The CEO of JSE-listed Growthpoint Properties, the largest listed property company, on Wednesday said SA was unlikely to see any “meaningful” commercial development in the next 12-18 months due to the economic slump.

Speaking to Business Day, Norbert Sasse said his group's view was that the struggling property market had not yet hit the bottom and expected further deterioration.

“Even when the recovery comes in the market, it is going to be a lot slower than expected. Vacancies are up, debt and funding pose a major challenge, building costs remain high and, to make matters worse, rent is softening because of high vacancy levels,” Sasse said.

The recession had caught the property industry off guard, with retailers reeling from falling consumer spending and some closing shop. Adding to the industry's challenges was the tight monetary policy environment, the high levels of inflation and household debt, and declining consumer and business confidence.

Data from the South African Property Owners' Association and South African Council of Shopping Centres showed that trading densities for all shopping centres declined 12.5% year on year to March, the sharpest decline in the series' 69-month history.
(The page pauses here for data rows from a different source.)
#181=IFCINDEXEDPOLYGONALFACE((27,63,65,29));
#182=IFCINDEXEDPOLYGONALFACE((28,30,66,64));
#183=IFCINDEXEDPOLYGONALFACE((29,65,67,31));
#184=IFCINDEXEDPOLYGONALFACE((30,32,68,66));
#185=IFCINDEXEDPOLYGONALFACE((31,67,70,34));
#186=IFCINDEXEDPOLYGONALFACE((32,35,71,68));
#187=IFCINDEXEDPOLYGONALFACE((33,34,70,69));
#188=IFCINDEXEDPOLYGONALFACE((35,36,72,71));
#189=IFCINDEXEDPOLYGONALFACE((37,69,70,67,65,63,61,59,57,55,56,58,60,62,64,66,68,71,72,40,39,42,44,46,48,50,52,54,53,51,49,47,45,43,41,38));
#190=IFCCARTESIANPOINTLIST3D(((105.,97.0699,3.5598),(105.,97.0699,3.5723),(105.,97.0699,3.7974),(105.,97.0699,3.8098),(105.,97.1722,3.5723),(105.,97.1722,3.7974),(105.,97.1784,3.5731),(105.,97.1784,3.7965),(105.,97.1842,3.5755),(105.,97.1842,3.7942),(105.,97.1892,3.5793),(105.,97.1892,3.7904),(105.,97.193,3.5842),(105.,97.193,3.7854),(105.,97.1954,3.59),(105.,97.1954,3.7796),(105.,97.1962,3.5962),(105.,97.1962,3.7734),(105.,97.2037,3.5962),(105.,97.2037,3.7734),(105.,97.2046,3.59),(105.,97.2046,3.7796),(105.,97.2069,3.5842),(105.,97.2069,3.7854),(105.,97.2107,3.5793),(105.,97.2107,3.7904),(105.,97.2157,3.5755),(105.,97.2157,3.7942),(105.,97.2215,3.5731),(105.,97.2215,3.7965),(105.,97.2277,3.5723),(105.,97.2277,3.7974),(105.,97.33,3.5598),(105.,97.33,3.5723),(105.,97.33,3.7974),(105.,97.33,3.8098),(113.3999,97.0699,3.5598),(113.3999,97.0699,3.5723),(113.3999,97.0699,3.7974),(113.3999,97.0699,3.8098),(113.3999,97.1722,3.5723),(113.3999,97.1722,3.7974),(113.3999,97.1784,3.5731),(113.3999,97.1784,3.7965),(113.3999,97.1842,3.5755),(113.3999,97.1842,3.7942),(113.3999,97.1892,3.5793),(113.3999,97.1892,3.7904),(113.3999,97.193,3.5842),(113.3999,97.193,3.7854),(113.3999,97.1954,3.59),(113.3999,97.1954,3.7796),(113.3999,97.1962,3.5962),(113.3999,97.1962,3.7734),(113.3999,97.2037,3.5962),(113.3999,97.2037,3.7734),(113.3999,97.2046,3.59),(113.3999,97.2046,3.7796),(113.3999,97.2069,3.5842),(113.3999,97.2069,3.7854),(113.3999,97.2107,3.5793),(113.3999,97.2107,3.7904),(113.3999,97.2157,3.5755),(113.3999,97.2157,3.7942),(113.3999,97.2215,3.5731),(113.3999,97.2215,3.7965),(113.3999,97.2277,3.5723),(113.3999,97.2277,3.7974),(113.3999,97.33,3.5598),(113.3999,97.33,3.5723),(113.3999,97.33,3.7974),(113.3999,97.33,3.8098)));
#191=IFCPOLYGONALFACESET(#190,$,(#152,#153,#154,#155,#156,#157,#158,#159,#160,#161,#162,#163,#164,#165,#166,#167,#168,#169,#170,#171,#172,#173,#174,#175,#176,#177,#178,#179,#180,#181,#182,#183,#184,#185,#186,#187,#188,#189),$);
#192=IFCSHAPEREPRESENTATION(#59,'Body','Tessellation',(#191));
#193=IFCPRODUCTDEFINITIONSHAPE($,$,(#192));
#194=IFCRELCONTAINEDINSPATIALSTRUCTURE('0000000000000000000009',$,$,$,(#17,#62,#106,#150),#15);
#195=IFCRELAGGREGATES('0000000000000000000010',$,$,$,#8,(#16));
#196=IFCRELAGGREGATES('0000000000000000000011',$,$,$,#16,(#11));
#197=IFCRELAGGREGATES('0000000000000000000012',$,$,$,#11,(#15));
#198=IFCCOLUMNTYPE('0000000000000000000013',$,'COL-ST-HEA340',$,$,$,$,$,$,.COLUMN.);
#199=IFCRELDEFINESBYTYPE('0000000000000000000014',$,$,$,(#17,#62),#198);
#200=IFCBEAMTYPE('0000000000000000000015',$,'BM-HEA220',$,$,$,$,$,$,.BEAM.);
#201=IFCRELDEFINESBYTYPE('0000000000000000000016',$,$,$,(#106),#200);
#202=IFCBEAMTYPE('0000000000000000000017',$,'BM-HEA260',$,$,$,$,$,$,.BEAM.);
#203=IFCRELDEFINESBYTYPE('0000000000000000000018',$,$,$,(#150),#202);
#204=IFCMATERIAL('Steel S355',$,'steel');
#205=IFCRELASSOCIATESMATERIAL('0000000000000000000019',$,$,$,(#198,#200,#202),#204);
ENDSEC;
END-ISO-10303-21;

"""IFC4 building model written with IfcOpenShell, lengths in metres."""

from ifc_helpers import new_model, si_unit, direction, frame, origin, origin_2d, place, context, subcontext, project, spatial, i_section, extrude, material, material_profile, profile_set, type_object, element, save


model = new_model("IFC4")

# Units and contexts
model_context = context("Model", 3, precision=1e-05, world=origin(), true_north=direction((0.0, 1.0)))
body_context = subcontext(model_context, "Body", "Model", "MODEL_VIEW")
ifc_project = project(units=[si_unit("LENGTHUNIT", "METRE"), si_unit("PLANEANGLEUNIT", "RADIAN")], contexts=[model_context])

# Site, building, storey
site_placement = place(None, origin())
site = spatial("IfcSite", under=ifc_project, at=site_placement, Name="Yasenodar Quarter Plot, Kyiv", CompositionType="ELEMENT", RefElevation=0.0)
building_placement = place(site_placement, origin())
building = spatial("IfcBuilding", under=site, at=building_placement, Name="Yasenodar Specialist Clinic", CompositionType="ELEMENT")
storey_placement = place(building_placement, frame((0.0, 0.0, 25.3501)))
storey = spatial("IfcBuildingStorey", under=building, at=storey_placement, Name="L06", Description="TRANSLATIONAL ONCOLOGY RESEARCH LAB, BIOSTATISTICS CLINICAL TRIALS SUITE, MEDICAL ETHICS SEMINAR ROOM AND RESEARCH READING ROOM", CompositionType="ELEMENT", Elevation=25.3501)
All types of centre except super regional ones — those larger than 100000m² — recorded a decline in annual growth for the quarter ending March. Community-sized centres — those less than 5000m² — continue to be particularly hard hit, with trading density for the quarter ending 15.3% down from the same period last year. These centres were negatively affected as a result of their inability to attract shoppers during the busy December period. The biggest reason for this was that the more varied tenant mix of the larger centres positioned them better to cater to the average Christmas shopper.

On an annual basis, super-regional centres recorded a positive growth of 6.2% to March, highlighting the defensive nature of larger centres. In contrast, the trading density growth of community-sized centres had been negative for the past seven months.

Regional centres — those bigger than 60000m² — and small centres both recorded a slight decline in annual trading density growth, ending down 2.2% and 3% respectively.

Sasse said there was now more space in the commercial property market and few tenants taking it.

“With the economy in trouble, most centres will find it difficult to fill vacancies. We are likely to see few new commercial developments because of the dramatic slowdown in the economy,” he said, adding that recovery would depend on how deep and long the recession was.

“It is not an exact science, but a gut feeling that we are going to recover in the next 12 to 18 months.”

Although Sasse sympathised with those bemoaning tight lending by banks, he said banks were also under enormous pressure to preserve enough capital and liquidity.

“Even though prime has come down, banks are charging more margins. Previously most people got prime minus two, but today it is prime plus two, which means the cost of debt is high,” he said.